The provided callable <function std at 0x000002B20CE8D8A0> is currently using SeriesGroupBy.std. In a future version of pandas, the provided callable will be used directly. To keep current behavior pass the string "std" instead.

	IncidentNominalCost(£)		PumpCount	PumpHoursTotal
	var	std	mean	sum
Borough
Barking And Dagenham	17478.446543	132.206076	1.006757	166.0
Barnet	18924.149664	137.565074	1.017021	269.0
Bexley	101288.188050	318.258053	1.050000	232.0
Brent	14903.635693	122.080448	1.012903	170.0
Brentwood	NaN	NaN	1.000000	1.0
Bromley	96915.276777	311.312185	1.037915	288.0
Broxbourne	NaN	NaN	1.000000	1.0
Camden	101271.452381	318.231759	1.035503	207.0
City Of London	5970.090909	77.266363	1.000000	12.0
Croydon	12917.137020	113.653583	1.000000	273.0
Ealing	12108.624975	110.039197	1.019900	222.0
Enfield	52486.690464	229.099739	1.072874	324.0
Epping Forest	101180.333333	318.088562	1.333333	7.0
Greenwich	27466.981031	165.731654	1.016575	212.0
Hackney	11048.169623	105.110274	1.000000	223.0
Hammersmith And Fulham	24555.948524	156.703378	1.020833	161.0
Haringey	19360.601034	139.142377	1.014778	226.0
Harrow	14084.828954	118.679522	1.009346	122.0
Havering	43320.559880	208.135917	1.035714	218.0
Hillingdon	81438.478868	285.374279	1.048128	252.0
Hounslow	61567.012384	248.127009	1.032680	188.0
Islington	27034.293488	164.421086	1.005025	218.0
Kensington And Chelsea	9777.240258	98.879928	1.008000	135.0
Kingston Upon Thames	33175.594343	182.141688	1.008850	133.0
Lambeth	10143.245118	100.713679	1.018018	245.0
Lewisham	10361.723148	101.792550	1.000000	205.0
Merton	13145.226087	114.652632	1.000000	126.0
Newham	22322.972614	149.408743	1.005128	222.0
Redbridge	29134.820504	170.689251	1.016304	223.0
Richmond Upon Thames	21911.281480	148.024598	1.012739	183.0
Southwark	19417.532703	139.346807	1.000000	253.0
Sutton	11911.604924	109.140299	1.015748	139.0
Tandridge	NaN	NaN	1.000000	1.0
Tower Hamlets	64299.889716	253.574229	1.051643	267.0
Waltham Forest	111310.958494	333.632970	1.049261	266.0
Wandsworth	34465.758256	185.649558	1.027778	215.0
Westminster	29891.372414	172.891216	1.034483	164.0

In later versions of Pandas (from 0.25.0) named aggregation also exists. The help guide will help you implement this.

Note that these DataFrames displayed when you run the code look a little different to the ones I have displayed here. You will see that in yours, the index is our grouping categories. We can use our “.reset_index()” method here too, or use “as_index = False”. There are a few reasons we might do this, including making visualisation easier.

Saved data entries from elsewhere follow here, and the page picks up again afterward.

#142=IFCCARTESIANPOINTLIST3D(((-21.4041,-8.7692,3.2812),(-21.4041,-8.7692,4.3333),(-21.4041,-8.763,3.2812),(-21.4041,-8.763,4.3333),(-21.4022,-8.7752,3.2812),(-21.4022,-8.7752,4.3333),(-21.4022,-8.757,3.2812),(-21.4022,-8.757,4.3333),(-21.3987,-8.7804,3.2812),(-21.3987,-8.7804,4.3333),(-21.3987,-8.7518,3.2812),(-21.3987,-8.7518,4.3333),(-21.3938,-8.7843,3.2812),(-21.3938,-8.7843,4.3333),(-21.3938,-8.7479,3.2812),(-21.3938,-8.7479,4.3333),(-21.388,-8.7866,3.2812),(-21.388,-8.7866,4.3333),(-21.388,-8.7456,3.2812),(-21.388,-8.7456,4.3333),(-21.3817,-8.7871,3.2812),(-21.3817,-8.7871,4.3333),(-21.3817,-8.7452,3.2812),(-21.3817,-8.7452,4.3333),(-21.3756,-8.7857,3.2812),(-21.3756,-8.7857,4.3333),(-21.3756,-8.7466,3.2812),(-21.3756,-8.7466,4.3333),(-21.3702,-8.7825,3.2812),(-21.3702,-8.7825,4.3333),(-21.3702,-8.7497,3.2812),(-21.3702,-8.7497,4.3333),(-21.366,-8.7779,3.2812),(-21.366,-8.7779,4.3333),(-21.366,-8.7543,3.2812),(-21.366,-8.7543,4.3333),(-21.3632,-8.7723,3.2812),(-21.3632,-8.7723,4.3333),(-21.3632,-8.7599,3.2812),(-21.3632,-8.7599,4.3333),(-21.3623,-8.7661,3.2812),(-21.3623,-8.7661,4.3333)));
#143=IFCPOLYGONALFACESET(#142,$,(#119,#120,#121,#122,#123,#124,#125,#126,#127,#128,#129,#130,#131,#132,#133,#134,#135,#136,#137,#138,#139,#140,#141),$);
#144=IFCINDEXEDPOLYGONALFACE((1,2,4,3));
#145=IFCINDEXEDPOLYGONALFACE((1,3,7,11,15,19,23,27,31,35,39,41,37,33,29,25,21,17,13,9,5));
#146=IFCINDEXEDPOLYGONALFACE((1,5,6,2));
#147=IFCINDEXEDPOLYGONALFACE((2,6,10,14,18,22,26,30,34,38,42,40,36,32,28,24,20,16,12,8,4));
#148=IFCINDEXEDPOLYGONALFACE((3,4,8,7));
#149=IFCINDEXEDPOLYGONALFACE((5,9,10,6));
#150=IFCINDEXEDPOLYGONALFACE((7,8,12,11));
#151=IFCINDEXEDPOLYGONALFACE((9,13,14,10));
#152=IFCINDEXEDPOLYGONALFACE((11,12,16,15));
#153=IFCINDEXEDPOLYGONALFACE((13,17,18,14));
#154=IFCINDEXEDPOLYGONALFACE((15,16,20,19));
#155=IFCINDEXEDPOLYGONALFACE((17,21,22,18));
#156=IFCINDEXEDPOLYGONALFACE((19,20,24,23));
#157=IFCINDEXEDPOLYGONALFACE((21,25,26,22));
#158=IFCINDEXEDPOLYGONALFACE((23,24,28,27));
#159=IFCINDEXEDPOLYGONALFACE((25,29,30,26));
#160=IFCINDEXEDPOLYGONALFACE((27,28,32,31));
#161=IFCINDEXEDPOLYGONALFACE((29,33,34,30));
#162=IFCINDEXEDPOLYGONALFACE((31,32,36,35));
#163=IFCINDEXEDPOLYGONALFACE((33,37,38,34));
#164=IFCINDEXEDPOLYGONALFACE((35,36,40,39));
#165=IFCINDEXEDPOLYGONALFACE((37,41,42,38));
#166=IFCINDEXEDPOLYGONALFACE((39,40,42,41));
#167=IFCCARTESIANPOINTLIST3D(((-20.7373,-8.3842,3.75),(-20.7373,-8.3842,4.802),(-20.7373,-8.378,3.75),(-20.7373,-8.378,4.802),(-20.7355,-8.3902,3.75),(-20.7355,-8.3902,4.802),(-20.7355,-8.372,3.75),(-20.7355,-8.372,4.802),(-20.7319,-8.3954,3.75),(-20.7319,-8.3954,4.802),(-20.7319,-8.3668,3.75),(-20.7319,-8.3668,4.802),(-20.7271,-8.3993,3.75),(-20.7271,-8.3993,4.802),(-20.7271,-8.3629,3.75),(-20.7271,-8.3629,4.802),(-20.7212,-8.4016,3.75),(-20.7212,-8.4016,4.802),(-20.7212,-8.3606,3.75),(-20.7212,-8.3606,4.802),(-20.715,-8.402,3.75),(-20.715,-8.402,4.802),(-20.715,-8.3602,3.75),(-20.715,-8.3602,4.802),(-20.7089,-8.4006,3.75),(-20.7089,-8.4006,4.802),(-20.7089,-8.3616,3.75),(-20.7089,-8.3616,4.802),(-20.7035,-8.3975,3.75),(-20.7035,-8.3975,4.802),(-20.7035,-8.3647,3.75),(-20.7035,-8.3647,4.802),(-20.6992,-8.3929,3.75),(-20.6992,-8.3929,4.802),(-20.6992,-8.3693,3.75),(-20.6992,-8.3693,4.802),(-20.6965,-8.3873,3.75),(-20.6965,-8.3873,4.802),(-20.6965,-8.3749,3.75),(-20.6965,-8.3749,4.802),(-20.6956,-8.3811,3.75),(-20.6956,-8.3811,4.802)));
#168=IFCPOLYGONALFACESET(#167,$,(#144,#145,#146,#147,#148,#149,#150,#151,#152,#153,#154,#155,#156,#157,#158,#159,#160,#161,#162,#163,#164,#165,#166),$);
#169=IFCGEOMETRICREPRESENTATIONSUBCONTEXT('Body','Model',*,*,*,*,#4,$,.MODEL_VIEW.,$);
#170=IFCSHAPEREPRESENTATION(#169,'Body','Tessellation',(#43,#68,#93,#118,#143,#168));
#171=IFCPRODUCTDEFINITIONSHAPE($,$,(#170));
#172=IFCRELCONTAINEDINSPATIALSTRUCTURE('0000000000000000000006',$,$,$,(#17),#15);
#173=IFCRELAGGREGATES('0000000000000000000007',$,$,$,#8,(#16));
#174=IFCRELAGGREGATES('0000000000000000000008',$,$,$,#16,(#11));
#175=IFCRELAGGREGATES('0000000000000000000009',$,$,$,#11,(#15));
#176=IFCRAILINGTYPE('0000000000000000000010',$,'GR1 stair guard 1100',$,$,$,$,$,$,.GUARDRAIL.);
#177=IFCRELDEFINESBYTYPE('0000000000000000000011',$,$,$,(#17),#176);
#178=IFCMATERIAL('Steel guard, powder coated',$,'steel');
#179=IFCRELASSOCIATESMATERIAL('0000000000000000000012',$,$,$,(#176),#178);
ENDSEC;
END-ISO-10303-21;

group_by_dropped_index = titanic.groupby(by=["embarked", "pclass"], as_index= False)["fare"].count()
group_by_dropped_index

	embarked	pclass	fare
0	C	1	141
1	C	2	28
2	C	3	101
3	Q	1	3
4	Q	2	7
5	Q	3	113
6	S	1	177
7	S	2	242
8	S	3	494

11 Chapter Summary

Excellent job, you have completed Chapter 6 of the Introduction to Python course. There is only one chapter left before you complete Core Part 1 of the course! Absolutely amazing aggregating!

Chapter 7 will feature a structured end of course exercise, that tests you on everything you have learned from Chapter 3 to Chapter 6, with a new dataset we have yet to explore, the schools dataset.